When should I not use this skill?
Do not use it as the only source of truth for a mature enterprise design system with strict governance, legacy token formats, multi-brand theming, or regulatory accessibility requirements. It is also a poor fit if you need visual mockups only and do not care about tokens, naming, component documentation, or implementation handoff.
Does it fit existing frontend ecosystems?
Yes, but you should specify the ecosystem.

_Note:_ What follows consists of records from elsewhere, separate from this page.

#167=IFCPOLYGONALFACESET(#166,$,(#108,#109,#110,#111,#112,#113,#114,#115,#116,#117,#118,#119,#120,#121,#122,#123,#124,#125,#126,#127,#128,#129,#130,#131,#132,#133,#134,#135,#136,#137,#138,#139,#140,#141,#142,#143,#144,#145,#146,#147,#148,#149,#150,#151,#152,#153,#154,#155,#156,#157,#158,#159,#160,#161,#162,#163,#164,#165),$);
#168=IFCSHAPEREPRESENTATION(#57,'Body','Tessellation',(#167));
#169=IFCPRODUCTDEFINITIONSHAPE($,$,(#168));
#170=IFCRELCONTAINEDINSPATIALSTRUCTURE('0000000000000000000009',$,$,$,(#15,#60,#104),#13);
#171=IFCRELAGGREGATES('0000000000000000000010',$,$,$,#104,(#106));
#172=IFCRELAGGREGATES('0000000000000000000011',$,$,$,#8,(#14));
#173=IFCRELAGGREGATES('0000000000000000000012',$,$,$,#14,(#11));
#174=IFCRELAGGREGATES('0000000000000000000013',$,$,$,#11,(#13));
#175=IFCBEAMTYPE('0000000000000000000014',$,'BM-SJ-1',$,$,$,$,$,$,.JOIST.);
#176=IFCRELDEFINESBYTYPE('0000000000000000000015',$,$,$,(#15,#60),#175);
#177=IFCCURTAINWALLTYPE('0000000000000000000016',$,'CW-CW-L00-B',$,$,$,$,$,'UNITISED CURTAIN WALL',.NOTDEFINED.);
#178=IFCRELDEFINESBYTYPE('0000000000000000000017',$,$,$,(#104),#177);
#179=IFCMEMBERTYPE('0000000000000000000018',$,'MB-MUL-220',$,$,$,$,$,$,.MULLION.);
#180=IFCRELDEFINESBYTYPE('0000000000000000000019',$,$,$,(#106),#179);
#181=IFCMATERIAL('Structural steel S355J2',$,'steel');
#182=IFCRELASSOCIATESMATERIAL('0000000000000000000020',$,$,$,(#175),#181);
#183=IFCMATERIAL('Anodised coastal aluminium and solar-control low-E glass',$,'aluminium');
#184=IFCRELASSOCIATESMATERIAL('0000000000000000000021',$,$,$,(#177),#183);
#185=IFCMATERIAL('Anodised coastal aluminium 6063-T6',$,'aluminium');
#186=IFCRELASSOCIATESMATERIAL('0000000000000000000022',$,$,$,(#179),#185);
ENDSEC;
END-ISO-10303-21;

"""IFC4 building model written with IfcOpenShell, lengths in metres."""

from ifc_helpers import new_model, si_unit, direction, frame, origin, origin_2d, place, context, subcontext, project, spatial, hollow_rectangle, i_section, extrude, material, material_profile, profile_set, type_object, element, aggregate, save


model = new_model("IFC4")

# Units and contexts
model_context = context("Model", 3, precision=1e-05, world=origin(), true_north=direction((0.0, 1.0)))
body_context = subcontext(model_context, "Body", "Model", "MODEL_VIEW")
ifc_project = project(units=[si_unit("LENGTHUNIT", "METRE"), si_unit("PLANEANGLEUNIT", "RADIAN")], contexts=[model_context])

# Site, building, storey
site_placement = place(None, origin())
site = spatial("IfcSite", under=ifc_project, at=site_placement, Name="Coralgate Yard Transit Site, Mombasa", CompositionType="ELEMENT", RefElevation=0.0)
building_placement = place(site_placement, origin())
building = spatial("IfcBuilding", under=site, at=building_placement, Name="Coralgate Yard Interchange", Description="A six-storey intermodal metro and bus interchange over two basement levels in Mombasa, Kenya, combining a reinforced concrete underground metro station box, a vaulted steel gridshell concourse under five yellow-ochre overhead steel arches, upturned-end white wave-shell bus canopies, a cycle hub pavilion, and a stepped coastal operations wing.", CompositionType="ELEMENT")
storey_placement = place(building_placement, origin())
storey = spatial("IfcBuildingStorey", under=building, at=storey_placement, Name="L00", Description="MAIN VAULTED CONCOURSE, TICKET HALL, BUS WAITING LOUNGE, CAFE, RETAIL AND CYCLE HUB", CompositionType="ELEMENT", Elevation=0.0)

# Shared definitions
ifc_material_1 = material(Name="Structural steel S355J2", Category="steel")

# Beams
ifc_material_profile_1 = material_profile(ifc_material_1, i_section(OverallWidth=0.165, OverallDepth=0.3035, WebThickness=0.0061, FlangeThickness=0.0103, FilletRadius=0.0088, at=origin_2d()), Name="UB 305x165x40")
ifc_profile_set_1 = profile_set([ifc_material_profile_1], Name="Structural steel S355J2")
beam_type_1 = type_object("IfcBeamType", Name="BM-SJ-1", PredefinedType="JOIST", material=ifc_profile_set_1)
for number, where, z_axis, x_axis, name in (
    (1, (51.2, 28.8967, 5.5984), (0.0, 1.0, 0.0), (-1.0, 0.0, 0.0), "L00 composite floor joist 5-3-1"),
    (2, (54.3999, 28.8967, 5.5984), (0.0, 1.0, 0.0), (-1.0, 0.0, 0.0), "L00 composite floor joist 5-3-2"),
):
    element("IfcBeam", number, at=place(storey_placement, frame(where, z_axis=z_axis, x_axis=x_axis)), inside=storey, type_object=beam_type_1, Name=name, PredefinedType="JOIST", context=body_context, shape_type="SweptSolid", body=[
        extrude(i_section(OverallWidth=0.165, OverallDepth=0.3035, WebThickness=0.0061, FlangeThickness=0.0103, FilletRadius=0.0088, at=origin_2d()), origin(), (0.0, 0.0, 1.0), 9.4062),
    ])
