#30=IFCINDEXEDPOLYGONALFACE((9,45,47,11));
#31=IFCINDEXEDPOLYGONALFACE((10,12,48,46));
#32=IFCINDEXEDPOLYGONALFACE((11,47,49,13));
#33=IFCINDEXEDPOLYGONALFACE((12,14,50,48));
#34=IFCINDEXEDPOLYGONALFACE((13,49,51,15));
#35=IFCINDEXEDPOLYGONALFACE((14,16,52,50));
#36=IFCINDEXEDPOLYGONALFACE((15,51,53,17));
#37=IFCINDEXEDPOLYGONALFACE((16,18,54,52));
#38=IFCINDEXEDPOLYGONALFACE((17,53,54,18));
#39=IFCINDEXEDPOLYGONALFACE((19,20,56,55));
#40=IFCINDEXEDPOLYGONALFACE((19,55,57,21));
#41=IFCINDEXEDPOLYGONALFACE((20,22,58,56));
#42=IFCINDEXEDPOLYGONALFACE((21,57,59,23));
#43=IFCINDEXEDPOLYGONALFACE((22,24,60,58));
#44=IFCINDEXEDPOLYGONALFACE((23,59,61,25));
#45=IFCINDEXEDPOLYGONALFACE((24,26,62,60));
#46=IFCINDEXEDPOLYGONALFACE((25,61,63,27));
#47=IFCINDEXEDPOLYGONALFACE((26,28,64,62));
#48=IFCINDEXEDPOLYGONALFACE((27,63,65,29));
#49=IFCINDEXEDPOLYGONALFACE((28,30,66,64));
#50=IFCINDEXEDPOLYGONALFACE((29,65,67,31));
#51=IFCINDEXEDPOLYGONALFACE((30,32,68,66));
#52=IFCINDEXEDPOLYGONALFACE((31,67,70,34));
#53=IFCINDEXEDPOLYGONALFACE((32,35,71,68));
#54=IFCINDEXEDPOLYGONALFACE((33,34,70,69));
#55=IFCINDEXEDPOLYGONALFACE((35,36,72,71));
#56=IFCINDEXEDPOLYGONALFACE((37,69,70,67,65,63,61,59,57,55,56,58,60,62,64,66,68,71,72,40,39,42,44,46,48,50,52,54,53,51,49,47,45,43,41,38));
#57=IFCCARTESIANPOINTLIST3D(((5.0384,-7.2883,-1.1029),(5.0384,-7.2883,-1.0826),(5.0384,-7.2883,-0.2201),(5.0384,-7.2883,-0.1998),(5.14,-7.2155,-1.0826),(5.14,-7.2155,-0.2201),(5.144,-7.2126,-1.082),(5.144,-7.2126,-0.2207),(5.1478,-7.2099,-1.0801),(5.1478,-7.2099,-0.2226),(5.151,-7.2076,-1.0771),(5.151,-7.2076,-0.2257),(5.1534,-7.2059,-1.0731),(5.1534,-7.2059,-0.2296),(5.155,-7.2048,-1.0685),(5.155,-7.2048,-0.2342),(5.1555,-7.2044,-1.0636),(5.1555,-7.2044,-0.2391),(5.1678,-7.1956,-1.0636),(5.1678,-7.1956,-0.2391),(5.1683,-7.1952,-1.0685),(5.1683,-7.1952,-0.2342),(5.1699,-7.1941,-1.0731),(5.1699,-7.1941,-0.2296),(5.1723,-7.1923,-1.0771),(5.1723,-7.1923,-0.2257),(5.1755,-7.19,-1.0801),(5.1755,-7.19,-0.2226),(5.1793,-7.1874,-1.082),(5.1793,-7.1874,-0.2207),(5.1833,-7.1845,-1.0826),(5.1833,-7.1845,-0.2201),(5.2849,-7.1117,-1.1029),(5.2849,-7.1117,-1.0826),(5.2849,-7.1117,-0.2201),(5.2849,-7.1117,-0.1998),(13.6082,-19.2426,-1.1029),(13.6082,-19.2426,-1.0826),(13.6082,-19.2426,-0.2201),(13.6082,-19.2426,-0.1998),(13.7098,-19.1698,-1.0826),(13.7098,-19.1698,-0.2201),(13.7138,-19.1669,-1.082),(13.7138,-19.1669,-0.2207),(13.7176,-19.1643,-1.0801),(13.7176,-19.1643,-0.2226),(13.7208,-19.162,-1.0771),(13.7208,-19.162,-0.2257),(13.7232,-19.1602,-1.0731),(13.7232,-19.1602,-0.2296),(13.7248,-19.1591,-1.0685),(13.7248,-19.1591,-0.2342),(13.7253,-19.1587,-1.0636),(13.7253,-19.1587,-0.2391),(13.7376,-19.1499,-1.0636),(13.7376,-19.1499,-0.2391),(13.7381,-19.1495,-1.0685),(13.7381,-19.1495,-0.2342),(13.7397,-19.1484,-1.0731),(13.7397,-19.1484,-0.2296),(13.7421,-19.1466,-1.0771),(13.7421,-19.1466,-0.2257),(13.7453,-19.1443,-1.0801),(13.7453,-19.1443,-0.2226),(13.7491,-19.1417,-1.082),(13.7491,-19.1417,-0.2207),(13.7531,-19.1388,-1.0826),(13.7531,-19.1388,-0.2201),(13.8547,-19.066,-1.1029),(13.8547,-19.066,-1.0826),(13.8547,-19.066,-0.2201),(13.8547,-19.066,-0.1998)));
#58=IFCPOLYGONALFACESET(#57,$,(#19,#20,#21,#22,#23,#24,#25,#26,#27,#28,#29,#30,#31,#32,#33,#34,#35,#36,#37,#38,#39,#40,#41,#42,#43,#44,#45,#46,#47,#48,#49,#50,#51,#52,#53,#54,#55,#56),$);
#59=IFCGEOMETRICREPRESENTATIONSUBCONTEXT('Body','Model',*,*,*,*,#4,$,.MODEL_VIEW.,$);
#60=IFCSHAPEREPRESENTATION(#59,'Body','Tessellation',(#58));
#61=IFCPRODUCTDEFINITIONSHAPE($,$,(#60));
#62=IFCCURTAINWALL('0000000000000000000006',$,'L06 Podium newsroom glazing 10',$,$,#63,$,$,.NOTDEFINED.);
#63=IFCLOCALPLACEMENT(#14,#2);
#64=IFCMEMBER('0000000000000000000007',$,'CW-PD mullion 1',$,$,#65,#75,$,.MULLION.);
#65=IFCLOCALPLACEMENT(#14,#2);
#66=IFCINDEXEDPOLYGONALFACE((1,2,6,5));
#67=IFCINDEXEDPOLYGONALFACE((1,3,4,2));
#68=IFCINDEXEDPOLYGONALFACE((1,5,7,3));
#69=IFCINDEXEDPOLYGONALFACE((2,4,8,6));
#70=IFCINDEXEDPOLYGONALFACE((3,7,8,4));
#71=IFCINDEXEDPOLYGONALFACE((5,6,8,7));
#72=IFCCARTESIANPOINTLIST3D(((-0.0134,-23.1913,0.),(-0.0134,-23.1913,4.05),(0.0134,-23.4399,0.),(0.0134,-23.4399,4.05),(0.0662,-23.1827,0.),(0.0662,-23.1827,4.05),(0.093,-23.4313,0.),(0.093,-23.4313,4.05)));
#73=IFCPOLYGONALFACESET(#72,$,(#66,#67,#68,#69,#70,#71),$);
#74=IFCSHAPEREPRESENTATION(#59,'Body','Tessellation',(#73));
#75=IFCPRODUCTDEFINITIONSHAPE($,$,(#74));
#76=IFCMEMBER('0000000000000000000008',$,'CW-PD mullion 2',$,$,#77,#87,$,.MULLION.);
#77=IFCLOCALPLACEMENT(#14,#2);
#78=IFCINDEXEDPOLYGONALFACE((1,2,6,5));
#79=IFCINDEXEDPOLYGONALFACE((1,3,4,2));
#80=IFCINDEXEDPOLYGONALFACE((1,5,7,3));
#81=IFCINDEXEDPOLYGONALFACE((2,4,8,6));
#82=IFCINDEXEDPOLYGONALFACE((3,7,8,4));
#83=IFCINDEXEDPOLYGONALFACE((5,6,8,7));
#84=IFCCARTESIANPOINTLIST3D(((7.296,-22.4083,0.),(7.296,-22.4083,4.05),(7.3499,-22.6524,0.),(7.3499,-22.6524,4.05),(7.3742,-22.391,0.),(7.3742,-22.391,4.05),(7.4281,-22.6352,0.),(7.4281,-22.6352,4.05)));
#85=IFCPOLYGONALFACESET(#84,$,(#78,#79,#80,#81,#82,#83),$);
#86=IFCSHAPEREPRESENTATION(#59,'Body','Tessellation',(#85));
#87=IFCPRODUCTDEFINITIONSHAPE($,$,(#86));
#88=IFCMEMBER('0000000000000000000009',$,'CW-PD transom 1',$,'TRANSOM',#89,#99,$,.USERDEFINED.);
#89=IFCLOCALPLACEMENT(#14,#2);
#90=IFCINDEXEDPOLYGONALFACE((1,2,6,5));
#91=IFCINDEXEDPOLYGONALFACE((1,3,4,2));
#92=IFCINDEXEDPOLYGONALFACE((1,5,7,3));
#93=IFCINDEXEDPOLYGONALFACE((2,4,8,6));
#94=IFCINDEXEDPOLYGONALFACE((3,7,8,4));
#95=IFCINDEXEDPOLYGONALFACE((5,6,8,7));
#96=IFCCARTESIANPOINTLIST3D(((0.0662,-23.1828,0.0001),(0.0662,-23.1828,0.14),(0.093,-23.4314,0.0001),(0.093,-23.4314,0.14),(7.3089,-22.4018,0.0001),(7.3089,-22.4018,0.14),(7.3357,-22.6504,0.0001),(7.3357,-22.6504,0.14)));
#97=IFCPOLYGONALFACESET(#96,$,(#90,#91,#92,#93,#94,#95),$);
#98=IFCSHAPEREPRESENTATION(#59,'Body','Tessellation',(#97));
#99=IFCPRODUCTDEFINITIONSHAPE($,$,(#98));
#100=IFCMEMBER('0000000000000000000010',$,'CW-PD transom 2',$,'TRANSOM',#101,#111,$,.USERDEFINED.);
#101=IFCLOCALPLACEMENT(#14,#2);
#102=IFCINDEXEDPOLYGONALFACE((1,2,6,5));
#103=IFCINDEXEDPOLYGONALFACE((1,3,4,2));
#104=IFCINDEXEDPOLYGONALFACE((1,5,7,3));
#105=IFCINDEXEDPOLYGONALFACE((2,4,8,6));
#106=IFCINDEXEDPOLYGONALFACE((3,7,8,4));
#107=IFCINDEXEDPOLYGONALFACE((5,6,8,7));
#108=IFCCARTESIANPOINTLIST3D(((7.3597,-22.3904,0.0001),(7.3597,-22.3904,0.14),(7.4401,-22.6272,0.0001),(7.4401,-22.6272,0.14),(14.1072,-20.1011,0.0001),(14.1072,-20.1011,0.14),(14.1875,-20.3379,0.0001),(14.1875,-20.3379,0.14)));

The skill can support CSS variables, SCSS tokens, JSON tokens, and framework-oriented handoff guidance. For Tailwind, React, Vue, Storybook, or Figma workflows, include the expected output format and naming convention so the generated system can be mapped cleanly into your existing tooling.
How to Improve ui-design-system skill
Improve ui-design-system results with stronger prompts
The biggest quality jump comes from replacing vague creative direction with measurable constraints. Instead of “make it premium,” say “use a restrained enterprise palette, 4px radius for inputs, 8px radius for cards, WCAG AA contrast, compact table density, and CSS variable output.” The more implementation context you provide, the less cleanup your team will need.
Common failure modes to watch for
The skill can overproduce tokens, create inconsistent semantic names, or suggest components that do not match your product scope. It may also generate attractive palettes that still need contrast testing in real UI combinations. Review especially: text contrast, disabled states, focus rings, spacing density, breakpoint choices, and whether component variants are actually needed.
Iterate after the first output
Treat the first response as a draft architecture. Ask follow-ups such as: “Reduce this token set to essentials,” “Convert primitive colors into semantic tokens,” “Map these tokens to Tailwind config,” “Add Button and Input state documentation,” or “Create a developer handoff checklist for React components.” Iteration should move from broad foundations to specific implementation artifacts.
Customize the repository references
For better long-term use, adapt assets/design_system_doc_template.md to your organization’s documentation format and extend references/component-architecture.md with your real component naming rules. If your team uses a fixed token schema, update examples in references/token-generation.md and align scripts/design_token_generator.py output with that schema before using generated files in production.